The first time you try adding a piece of fruit to your usual breakfast of toast and peanut butter won't feel just right. How could it when you have never done it before? But after you have repeated this new awkward habit over time, it becomes second nature. Acknowledge that change, no matter how small, is hard.
No better time than now
Although you may think you are invincible, chances are eating poorly will catch up with you one way or another. One of the most profound ways nutrition will affect your day-to-day life is related to your energy and stamina. You can't put a price tag on the benefits of feeling better through your workday and having the "get up and go" to do the things you want to do in your personal time.
The toughest part about my job as a dietitian is to convince you to invest in your health now for benefits that will take months and years to show. What you eat now influences your risk for cancer, heart disease, diabetes and more. What you do is also a glimpse into the future of your children's lifestyle and eating habits since they will reflect your choices. If you can't be motivated to choose a healthy lifestyle for yourself, do it for your kids.
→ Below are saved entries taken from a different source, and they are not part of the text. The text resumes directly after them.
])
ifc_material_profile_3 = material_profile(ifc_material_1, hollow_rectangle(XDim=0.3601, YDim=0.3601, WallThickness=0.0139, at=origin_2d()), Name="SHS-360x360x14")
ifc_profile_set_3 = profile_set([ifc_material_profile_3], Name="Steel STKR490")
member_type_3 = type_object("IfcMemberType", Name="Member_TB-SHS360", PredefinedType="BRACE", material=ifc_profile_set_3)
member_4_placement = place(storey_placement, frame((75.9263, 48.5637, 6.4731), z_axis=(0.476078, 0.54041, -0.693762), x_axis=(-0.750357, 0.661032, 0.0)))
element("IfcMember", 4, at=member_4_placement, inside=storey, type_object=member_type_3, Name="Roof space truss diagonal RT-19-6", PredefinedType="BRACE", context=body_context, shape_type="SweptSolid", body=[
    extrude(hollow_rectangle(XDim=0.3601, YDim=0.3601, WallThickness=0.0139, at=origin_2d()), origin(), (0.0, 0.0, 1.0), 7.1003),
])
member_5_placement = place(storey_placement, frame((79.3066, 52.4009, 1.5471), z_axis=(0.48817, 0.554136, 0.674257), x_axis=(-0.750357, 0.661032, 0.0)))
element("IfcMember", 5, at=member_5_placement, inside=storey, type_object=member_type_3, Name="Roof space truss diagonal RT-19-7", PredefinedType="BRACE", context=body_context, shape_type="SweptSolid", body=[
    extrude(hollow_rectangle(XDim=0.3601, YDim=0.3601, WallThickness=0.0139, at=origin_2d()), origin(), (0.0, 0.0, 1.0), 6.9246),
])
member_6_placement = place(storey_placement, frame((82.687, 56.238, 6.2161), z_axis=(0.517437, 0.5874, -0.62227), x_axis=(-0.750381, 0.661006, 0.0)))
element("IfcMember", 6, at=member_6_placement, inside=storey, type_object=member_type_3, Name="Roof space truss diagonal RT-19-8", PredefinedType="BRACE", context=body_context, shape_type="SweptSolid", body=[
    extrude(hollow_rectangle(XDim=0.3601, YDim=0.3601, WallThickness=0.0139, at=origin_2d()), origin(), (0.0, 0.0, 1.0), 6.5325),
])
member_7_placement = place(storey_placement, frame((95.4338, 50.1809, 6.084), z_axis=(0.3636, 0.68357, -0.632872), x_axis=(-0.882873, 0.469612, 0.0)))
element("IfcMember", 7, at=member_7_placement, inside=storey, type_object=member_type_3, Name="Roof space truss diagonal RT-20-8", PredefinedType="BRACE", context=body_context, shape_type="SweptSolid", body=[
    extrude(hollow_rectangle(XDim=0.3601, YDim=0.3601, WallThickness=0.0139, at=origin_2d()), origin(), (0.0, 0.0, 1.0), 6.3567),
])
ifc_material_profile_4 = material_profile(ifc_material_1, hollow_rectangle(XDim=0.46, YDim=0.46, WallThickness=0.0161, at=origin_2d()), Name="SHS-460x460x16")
Realize that while I don't expect eating well to rank as the focal point of your life, it shouldn't be at the bottom of your "to-do" list either — to get to when you have the time. There is never a good time to start. Somehow, life never slows down enough to get to the things we need to change. There is no better time than now.
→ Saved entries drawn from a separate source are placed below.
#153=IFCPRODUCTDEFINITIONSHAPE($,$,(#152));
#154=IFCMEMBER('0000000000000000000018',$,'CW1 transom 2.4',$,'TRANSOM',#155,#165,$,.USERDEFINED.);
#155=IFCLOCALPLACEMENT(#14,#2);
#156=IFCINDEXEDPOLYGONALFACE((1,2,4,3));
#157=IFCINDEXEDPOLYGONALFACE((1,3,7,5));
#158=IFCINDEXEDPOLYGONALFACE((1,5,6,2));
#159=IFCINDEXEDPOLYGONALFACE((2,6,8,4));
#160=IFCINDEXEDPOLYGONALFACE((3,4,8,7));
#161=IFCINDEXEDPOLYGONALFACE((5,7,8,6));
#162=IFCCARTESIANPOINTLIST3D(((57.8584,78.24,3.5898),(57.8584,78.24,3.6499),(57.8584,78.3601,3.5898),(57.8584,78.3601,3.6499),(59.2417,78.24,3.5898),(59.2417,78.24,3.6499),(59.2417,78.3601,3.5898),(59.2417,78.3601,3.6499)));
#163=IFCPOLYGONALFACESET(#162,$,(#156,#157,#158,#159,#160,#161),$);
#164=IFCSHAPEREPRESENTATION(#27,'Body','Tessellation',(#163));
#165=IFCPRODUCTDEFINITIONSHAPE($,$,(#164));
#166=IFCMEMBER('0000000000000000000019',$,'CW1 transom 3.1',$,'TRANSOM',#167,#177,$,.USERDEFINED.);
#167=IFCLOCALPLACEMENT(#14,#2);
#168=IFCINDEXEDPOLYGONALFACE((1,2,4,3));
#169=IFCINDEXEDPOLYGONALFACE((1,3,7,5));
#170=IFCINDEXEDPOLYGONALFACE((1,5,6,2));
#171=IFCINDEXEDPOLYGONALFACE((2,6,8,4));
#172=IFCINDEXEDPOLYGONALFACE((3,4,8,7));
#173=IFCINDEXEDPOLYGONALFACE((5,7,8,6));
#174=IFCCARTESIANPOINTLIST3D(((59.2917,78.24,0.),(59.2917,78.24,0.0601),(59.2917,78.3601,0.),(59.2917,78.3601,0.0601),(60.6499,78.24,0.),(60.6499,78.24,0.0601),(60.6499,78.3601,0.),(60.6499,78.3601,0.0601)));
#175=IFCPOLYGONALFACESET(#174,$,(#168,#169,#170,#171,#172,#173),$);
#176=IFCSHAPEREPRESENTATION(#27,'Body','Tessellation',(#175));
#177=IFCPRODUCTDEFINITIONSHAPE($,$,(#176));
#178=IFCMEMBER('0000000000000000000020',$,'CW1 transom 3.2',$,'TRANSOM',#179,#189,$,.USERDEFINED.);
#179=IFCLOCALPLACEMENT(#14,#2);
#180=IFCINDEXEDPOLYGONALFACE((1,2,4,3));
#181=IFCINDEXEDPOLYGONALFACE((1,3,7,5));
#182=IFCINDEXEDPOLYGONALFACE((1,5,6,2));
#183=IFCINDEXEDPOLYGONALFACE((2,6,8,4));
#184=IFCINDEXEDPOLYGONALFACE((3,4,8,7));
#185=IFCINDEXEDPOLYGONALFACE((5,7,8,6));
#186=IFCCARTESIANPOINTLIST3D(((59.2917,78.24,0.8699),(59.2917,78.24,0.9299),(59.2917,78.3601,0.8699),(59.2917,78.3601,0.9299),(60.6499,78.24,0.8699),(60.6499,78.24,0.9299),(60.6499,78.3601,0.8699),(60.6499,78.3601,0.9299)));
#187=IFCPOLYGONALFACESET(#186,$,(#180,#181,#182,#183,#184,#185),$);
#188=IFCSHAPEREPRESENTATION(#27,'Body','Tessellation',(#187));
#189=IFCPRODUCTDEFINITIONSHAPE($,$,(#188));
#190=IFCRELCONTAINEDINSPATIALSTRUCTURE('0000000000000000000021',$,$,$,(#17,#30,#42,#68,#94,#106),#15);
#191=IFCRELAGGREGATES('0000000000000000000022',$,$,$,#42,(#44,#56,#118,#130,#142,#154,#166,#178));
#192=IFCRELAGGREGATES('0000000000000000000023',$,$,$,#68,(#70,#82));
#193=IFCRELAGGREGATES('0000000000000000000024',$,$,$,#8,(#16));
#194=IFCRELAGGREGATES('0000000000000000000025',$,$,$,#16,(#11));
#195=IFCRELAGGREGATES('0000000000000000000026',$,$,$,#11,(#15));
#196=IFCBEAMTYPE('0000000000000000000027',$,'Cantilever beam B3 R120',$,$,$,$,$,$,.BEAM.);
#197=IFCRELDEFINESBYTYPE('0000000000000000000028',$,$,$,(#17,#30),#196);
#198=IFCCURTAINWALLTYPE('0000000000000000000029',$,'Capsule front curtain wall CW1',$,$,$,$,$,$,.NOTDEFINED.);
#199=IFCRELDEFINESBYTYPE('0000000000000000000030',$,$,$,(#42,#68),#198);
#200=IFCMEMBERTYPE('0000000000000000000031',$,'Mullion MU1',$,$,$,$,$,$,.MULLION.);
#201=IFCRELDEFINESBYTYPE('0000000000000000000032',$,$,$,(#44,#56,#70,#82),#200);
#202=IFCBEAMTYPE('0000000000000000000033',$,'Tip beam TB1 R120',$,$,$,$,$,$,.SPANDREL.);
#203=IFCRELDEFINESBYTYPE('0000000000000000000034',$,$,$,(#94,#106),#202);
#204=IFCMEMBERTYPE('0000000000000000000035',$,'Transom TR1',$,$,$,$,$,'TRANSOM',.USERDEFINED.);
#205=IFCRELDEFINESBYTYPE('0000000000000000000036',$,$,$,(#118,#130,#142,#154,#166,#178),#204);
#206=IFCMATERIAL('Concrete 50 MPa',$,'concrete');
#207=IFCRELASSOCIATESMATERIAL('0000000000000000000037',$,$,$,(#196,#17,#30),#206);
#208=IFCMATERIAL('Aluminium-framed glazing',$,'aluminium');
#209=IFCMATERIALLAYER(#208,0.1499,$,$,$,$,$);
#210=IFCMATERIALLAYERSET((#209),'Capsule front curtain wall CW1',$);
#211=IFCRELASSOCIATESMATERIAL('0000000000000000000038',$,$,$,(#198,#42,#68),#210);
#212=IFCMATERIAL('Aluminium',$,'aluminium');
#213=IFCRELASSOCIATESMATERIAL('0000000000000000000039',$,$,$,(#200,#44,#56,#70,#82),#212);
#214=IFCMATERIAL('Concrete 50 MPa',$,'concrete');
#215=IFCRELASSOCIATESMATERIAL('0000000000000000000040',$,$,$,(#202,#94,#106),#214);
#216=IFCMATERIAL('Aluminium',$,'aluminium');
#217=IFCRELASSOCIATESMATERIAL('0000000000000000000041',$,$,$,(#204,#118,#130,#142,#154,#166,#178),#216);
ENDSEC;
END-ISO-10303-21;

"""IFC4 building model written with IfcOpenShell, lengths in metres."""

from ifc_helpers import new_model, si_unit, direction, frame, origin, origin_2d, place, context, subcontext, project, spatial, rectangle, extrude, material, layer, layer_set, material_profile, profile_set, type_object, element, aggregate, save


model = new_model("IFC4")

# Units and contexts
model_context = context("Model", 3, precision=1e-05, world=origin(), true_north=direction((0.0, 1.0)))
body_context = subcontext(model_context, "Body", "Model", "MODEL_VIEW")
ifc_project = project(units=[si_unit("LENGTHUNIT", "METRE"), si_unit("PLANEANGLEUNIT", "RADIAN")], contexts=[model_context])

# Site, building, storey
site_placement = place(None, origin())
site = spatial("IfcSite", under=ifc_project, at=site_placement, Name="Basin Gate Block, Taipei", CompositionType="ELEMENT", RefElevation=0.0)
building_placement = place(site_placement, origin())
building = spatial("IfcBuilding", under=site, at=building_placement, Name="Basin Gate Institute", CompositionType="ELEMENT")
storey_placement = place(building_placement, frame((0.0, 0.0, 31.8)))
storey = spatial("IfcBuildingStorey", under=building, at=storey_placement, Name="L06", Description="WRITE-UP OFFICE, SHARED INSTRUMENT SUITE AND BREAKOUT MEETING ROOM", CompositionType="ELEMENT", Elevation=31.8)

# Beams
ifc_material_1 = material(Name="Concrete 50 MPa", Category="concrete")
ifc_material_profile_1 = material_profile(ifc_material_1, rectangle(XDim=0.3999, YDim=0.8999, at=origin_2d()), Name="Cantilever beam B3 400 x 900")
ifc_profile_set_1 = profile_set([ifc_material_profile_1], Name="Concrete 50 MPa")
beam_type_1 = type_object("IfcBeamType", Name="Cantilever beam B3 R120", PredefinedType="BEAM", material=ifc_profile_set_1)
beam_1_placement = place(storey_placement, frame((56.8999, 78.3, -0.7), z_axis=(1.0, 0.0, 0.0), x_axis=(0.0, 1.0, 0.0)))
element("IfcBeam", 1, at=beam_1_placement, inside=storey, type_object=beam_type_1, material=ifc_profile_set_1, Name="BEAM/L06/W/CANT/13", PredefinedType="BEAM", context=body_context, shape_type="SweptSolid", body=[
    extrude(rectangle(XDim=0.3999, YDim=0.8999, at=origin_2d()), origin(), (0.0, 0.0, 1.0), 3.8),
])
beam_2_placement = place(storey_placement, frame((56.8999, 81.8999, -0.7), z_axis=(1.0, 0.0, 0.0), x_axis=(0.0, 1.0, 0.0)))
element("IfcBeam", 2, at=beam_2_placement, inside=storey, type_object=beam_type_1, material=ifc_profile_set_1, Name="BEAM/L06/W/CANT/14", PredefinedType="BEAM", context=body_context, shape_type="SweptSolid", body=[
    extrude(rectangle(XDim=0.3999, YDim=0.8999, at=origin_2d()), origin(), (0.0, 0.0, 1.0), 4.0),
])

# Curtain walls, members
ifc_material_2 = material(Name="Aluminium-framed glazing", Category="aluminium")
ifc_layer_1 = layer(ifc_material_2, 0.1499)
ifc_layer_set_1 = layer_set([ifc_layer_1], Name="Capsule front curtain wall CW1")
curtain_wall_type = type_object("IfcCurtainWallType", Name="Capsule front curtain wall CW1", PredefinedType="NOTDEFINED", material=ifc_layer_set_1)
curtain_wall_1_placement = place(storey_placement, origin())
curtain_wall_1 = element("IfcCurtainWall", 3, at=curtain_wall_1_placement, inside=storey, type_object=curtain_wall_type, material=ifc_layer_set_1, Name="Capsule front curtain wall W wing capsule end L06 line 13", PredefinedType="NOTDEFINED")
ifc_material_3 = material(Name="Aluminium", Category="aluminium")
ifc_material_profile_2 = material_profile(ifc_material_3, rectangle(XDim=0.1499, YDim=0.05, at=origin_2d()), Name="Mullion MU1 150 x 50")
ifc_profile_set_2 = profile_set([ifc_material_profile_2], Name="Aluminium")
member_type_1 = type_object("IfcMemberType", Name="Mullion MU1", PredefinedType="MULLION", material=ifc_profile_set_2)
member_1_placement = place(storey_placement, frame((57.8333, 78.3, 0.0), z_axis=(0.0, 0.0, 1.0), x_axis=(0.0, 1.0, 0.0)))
Tap into the biggest payoffs
If you are somewhat convinced that you should make a move toward healthier eating and have embraced the above philosophies, here are the three most important things you can do to tap into the biggest payoffs.
Avoid skipping meals and choose to eat every 3-5 hours for the best energy and also to prevent you from overeating at the next meal.
Overwhelmed by the massive assortment of foods you could eat? Start by shopping on the outside perimeter of the grocery store, where most fresh foods are located. Then at each meal be sure to choose something from each of the following categories:
- Grains/starches such as bread, pasta, rice, potatoes and cereals.
- Vegetables and/or fruits, including the fresh, frozen or canned variety, as well as dried fruit and vegetable/fruit juices.
- Protein such as red meat, poultry, seafood, eggs, cheese, yogurt, milk, soy milk, beans/legumes, tofu, nuts and seeds.
For adults, an ideal plate should be composed of half vegetables and/or fruits, one-quarter grains/starches and one-quarter protein. If you are overweight, try shrinking down the size of your portions by 10-25 per cent, and you will find that your weight starts to change even though you have not changed your food choices.
If you are already doing these things, well, it looks like you are not so repelled by the field of nutrition after all.